So you’ve survived your first week back in college, and you’ve totally gone to all your lectures, right? RIGHT? Didn’t think so. It’s hard to get back into the swing of things after summer, especially when there are so many friends to meet in coffee dock, so many nights out you can’t possibly miss, and so much to do in general. If you’re one of many finding it hard to get back into the rhythm of your degree, (y’know, the reason you’re in college) then fear not! There are some handy apps out there to help you.

My Study Life (iOS, Android, desktop)

This is a personal favourite of mine and, for someone as horribly disorganised as I am, it’s been a lifesaver. You put in term dates, when your holidays are, add lecture times, due dates for assignments/exams etc. You can set tasks or to-do lists, and you then get reminders on what you have left to do. Could you do all of this on your phone already? Yes, but it is incredibly convenient to have it all in one app, as opposed to scrambling through each app to find where you left that last note about the assignment that was due last week.

Forest (iOS, Android, Windows Phone, desktop)

Forest is an app that combats the smartphone addiction so many of us have fallen into. In Forest you plant a seed that slowly grows into a tree over a period of time that you can adjust. If you exit out of the app to go into another app before your allotted time passes, your tree withers and dies. You can earn rewards, unlock more tree species and track your progress. It’s actually really fun!

Habitica (iOS, Android, desktop)

Habitica is an app that basically turns your life into a game that you can win. The mundane everyday tasks you have to do become monsters that you have to battle by completing them. When you complete a task you have set in the game, you win awards and coins you can use to upgrade your avatar/accessories. If your friends download it, you can compare stats and fight bosses together. It’s a really nice way to motivate yourself on the days that adulting seems too hard.

Trello (iOS, Android, desktop)

Trello is a very versatile app, as you can use it just for yourself, or you can add members to use for group projects. It’s based on lists with cards. The lists can be called anything but I like the ones on the website sample: ‘Ideas’, ‘To Do’, ‘Doing’ and ‘Done’. You can swap cards between lists, add people to certain lists and it updates in real time so everyone is on the same page.

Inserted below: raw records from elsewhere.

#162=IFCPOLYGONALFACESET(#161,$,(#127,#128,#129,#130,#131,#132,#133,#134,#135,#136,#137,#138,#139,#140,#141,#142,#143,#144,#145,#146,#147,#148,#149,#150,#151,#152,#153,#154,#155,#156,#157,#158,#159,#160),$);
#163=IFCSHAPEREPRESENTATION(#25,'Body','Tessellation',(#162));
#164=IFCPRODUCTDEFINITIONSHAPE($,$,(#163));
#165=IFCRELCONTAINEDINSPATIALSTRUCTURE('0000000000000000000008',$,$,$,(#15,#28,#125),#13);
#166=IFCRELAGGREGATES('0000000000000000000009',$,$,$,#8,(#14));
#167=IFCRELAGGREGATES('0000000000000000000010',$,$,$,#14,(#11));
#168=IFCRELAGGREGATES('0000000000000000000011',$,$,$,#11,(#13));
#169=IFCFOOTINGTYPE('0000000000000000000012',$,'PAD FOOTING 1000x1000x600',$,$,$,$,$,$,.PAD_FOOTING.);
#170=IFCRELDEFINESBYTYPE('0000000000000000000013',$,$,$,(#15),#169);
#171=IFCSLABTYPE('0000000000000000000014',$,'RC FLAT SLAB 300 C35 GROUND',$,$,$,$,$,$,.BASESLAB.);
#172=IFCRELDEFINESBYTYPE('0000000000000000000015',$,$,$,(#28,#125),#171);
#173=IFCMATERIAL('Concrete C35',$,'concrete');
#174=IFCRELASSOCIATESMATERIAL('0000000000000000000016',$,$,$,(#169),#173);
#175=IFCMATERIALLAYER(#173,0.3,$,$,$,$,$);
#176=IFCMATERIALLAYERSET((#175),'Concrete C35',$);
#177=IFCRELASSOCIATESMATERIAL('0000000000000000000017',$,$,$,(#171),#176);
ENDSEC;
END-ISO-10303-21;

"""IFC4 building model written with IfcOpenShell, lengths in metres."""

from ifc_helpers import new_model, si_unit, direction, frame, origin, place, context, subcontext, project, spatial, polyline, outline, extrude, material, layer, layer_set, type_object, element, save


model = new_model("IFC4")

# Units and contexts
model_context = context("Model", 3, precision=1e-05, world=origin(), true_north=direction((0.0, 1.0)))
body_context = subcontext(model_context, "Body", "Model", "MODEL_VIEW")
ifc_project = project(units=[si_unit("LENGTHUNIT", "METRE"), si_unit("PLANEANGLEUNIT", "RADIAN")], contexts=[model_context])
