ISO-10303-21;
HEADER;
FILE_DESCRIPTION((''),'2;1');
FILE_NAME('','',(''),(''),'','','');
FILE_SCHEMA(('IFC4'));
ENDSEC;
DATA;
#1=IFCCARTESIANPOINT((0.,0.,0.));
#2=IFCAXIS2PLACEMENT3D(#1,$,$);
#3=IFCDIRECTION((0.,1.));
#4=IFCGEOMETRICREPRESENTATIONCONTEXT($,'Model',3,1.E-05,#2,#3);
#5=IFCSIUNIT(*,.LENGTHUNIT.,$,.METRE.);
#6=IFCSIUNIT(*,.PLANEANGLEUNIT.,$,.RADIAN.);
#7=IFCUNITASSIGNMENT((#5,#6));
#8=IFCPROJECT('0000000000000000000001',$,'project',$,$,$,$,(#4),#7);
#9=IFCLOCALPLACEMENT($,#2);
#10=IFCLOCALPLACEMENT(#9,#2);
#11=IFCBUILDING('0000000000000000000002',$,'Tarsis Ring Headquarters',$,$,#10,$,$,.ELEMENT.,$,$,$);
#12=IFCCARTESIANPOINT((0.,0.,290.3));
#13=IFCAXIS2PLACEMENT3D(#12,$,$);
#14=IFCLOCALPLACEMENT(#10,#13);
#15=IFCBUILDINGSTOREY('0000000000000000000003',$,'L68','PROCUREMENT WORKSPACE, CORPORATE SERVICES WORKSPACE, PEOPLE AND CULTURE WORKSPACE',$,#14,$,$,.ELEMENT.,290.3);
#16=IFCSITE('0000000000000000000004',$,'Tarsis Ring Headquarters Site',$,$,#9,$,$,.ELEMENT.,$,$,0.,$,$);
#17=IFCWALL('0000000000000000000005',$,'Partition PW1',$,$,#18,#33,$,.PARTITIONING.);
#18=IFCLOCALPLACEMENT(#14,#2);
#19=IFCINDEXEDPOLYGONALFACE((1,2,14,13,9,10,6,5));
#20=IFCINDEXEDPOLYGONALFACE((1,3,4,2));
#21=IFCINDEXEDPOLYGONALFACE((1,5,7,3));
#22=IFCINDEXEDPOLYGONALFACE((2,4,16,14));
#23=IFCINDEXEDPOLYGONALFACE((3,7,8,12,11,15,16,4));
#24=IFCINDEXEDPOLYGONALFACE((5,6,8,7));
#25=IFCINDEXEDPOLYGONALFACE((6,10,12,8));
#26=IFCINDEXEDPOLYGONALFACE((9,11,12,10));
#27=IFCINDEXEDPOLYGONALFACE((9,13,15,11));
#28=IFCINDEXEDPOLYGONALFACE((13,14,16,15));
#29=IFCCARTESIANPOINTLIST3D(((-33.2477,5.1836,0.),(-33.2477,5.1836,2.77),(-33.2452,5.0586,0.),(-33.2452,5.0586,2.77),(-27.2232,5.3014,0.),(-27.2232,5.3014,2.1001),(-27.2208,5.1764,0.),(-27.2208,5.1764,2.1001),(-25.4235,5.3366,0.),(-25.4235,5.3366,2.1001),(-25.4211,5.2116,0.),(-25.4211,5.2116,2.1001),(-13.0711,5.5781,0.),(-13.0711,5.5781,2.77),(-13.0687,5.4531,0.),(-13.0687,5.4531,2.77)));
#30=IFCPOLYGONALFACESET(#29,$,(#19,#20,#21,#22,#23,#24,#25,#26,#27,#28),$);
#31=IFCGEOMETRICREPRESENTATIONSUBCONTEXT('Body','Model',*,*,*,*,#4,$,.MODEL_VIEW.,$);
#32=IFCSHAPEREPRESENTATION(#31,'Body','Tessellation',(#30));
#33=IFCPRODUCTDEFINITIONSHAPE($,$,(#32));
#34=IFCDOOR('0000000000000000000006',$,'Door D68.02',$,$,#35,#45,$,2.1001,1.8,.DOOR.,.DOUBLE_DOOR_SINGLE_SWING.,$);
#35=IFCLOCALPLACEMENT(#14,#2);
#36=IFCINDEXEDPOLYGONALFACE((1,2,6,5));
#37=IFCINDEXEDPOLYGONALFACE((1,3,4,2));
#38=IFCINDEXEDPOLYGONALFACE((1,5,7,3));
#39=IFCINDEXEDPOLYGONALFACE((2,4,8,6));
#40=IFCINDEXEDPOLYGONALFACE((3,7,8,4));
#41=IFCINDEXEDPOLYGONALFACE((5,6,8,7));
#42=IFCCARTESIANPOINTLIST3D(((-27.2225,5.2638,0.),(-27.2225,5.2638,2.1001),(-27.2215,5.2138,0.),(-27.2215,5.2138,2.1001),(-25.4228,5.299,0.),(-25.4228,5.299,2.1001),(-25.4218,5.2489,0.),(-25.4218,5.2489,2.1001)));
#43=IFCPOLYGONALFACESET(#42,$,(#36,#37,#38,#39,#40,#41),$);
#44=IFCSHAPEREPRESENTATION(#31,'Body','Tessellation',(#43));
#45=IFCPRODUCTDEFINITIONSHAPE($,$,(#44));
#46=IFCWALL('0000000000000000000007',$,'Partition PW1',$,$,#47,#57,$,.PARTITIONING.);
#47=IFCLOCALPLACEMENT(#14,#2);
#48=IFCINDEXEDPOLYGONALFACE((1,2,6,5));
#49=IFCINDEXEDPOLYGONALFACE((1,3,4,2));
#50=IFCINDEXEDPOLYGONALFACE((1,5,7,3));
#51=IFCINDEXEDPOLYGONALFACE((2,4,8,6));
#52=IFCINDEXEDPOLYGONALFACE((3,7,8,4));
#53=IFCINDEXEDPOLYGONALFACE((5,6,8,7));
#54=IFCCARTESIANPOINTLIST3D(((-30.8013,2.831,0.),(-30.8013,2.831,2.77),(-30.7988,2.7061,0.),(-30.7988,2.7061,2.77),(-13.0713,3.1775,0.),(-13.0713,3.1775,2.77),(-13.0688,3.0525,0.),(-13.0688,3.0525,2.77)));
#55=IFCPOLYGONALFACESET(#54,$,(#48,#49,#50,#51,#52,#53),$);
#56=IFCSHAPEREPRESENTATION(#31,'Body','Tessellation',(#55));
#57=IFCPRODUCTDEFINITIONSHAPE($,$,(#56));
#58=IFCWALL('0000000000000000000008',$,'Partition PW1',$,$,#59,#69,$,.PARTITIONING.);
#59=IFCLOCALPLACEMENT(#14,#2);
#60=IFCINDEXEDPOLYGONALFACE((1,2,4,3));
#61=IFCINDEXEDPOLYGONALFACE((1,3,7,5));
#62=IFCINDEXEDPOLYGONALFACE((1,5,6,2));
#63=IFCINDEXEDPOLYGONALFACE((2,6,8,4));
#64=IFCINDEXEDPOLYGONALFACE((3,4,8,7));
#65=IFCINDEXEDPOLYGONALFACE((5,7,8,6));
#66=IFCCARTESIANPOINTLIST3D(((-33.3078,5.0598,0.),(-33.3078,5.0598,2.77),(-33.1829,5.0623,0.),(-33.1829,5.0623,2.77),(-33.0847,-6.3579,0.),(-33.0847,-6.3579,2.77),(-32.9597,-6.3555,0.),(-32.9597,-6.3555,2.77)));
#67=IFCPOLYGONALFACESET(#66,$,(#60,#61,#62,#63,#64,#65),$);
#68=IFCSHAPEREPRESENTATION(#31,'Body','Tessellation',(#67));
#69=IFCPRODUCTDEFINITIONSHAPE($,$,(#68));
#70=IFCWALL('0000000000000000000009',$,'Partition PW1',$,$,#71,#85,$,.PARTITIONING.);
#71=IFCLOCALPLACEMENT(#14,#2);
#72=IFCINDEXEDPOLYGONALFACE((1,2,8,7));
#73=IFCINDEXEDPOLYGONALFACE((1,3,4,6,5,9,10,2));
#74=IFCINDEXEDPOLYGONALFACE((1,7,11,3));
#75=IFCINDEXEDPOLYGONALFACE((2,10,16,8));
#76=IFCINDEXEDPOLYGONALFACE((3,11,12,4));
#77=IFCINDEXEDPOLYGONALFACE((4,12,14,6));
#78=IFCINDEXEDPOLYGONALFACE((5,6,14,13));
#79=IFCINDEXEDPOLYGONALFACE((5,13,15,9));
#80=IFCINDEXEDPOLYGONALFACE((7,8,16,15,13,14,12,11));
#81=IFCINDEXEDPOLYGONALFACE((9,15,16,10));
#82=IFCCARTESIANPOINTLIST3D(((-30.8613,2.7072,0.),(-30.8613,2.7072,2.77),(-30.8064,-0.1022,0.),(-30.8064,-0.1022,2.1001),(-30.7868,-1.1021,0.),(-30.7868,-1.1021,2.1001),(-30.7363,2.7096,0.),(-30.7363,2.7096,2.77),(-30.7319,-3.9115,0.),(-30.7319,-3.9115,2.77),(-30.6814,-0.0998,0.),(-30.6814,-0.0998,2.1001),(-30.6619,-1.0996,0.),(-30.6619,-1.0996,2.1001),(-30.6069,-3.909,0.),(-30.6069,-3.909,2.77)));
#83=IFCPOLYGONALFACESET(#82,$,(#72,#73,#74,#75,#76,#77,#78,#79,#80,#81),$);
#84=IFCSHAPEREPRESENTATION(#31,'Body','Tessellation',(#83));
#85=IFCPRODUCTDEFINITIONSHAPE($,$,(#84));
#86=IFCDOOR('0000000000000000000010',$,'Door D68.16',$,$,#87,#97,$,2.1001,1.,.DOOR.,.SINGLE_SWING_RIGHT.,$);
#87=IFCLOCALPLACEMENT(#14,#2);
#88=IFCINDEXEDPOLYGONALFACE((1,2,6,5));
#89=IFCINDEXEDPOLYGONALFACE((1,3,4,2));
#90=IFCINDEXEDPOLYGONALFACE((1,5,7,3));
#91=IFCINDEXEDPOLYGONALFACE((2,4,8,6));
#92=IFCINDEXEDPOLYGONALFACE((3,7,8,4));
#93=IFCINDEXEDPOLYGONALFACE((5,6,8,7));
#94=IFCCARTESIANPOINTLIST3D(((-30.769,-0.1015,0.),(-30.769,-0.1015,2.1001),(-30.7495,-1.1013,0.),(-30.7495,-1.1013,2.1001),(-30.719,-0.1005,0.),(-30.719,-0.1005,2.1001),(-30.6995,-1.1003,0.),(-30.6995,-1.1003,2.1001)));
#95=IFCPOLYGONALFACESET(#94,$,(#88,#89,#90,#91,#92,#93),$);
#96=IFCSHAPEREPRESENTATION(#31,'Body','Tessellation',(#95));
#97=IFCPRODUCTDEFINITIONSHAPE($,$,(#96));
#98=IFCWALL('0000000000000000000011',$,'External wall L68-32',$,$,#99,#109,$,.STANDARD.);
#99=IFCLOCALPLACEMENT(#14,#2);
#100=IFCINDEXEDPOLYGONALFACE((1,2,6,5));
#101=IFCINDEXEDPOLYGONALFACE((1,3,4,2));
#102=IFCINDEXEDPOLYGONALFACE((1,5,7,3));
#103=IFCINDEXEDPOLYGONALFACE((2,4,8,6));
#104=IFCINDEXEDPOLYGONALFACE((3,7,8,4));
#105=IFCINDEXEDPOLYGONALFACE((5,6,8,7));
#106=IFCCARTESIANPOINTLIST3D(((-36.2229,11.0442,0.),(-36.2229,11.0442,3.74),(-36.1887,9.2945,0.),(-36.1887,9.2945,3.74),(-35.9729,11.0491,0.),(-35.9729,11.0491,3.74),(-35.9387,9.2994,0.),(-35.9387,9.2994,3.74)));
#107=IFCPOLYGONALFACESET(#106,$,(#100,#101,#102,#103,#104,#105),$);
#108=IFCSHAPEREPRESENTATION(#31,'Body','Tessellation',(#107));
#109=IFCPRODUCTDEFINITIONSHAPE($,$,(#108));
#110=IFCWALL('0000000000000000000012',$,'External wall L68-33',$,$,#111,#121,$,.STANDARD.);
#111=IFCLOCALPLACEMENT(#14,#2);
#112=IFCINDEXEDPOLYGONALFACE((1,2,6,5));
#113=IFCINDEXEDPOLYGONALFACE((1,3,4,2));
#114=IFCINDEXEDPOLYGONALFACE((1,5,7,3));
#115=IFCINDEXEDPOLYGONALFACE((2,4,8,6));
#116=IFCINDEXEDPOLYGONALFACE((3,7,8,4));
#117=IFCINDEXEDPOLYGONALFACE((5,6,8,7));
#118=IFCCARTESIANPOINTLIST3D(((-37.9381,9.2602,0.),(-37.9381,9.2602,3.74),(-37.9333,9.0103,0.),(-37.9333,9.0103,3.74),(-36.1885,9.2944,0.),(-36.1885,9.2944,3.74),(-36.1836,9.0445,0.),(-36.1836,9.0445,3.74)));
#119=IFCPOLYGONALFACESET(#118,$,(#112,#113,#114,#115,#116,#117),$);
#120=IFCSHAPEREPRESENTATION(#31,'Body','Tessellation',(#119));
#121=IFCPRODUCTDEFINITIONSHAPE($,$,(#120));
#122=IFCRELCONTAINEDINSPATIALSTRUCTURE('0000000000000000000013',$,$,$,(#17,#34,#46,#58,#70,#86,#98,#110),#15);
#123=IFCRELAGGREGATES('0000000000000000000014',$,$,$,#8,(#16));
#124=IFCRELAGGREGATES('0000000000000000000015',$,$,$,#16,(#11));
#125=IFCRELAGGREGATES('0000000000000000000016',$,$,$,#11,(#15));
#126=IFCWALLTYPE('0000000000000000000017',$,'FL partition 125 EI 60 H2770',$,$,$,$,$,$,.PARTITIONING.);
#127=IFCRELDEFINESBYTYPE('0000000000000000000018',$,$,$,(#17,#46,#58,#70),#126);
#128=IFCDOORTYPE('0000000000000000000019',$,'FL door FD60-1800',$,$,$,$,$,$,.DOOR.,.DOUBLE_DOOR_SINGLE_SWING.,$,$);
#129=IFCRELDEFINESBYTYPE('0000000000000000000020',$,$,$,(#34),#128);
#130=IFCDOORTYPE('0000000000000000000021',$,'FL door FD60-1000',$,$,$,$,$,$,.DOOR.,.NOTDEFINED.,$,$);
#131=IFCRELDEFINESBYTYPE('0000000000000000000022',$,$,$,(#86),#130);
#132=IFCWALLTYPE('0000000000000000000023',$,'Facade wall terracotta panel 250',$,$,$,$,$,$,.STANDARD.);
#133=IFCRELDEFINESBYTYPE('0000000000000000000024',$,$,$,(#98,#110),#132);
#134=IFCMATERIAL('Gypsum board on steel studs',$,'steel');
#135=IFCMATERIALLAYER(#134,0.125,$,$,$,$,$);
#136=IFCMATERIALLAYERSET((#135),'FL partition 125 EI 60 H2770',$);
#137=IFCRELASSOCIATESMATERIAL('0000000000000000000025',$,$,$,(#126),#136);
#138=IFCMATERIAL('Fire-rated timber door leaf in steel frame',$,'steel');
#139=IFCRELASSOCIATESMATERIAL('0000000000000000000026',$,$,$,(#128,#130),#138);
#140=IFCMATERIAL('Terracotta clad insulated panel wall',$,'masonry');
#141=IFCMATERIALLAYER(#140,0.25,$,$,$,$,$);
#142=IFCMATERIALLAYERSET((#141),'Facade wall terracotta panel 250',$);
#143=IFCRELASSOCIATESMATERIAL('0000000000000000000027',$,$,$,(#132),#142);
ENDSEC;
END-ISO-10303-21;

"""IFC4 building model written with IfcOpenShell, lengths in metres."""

from ifc_helpers import new_model, si_unit, direction, frame, frame_2d, origin, place, context, subcontext, project, spatial, rectangle, extrude, material, layer, layer_set, type_object, element, fill, save


model = new_model("IFC4")

# Units and contexts
model_context = context("Model", 3, precision=1e-05, world=origin(), true_north=direction((0.0, 1.0)))
body_context = subcontext(model_context, "Body", "Model", "MODEL_VIEW")
ifc_project = project(units=[si_unit("LENGTHUNIT", "METRE"), si_unit("PLANEANGLEUNIT", "RADIAN")], contexts=[model_context])

# Site, building, storey
site_placement = place(None, origin())
site = spatial("IfcSite", under=ifc_project, at=site_placement, Name="Tarsis Ring Headquarters Site", CompositionType="ELEMENT", RefElevation=0.0)
building_placement = place(site_placement, origin())
building = spatial("IfcBuilding", under=site, at=building_placement, Name="Tarsis Ring Headquarters", CompositionType="ELEMENT")
storey_placement = place(building_placement, frame((0.0, 0.0, 290.3)))
storey = spatial("IfcBuildingStorey", under=building, at=storey_placement, Name="L68", Description="PROCUREMENT WORKSPACE, CORPORATE SERVICES WORKSPACE, PEOPLE AND CULTURE WORKSPACE", CompositionType="ELEMENT", Elevation=290.3)

# Wall, opening, door
ifc_material_1 = material(Name="Gypsum board on steel studs", Category="steel")
ifc_layer_1 = layer(ifc_material_1, 0.125)
ifc_layer_set_1 = layer_set([ifc_layer_1], Name="FL partition 125 EI 60 H2770")
wall_type_1 = type_object("IfcWallType", Name="FL partition 125 EI 60 H2770", PredefinedType="PARTITIONING", material=ifc_layer_set_1)
wall_1_placement = place(storey_placement, frame((-33.2466, 5.1211, 0.0), z_axis=(0.0, 0.0, 1.0), x_axis=(0.999809, 0.01955, 0.0)))
wall_1 = element("IfcWall", 1, at=wall_1_placement, inside=storey, type_object=wall_type_1, Name="Partition PW1", PredefinedType="PARTITIONING", context=body_context, shape_type="SweptSolid", body=[
    extrude(rectangle(XDim=20.1804, YDim=0.125, at=frame_2d((10.0903, 0.0))), origin(), (0.0, 0.0, 1.0), 2.77),
])
opening_1_placement = place(wall_1_placement, frame((6.0259, 0.0, 0.0)))
opening_1 = element("IfcOpeningElement", 2, at=opening_1_placement, cuts=wall_1, PredefinedType="OPENING", context=body_context, shape_type="SweptSolid", body=[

It’s much more efficient than trying to email what you have done to everyone, especially that guy who checks his email once a week; Dude, you’re in college now. You have to check it every day.

R We Still On Time (iOS, Android)

On the topic of group work, it can be hard to organise people It’s incredibly hard to organise people to show up on time, at the same place, to discuss college work or indeed, any kind of work (I’m not bitter. Not bitter at all). The premise of the app is extraordinarily simple: You add members to an event at a specified time and place. They get reminders about the event, and can let you know if they are on time, running late, or simply not coming. Simple, but so useful.

Wordfail (iOS, Android, desktop)

Words are hard. You might think that, like Donald Trump you know words: you have all the best words. I can tell you, from listening to the PhD candidates who correct your assignments, you have nothing. Nada. You’d be surprised how many people forgo grammar, syntax and common sense when the ‘assignments panic’ kicks in. Wordfail was made by two professors who were sick of seeing poor English in assignments. It’s great for upgrading your vocabulary and confidence in your writing in a fun accessible way.

A Soft Murmur (Android, desktop)

Are you a final year stuck next to the most obnoxiously loud housemates/neighbours on the planet? Yeah, it sucks; I had some before that used to sing karaoke at 4 am. Instead of listening to the deafening cries of a girl running after her boyfriend yelling “CAN I JUST TELL YOU ONE THING?!” this app lets you listen to an array of soothing background sounds. Think waves, rain, white noise, and all those stereotypical sounds. I still don’t know if she told him that one thing, so I guess it worked for me.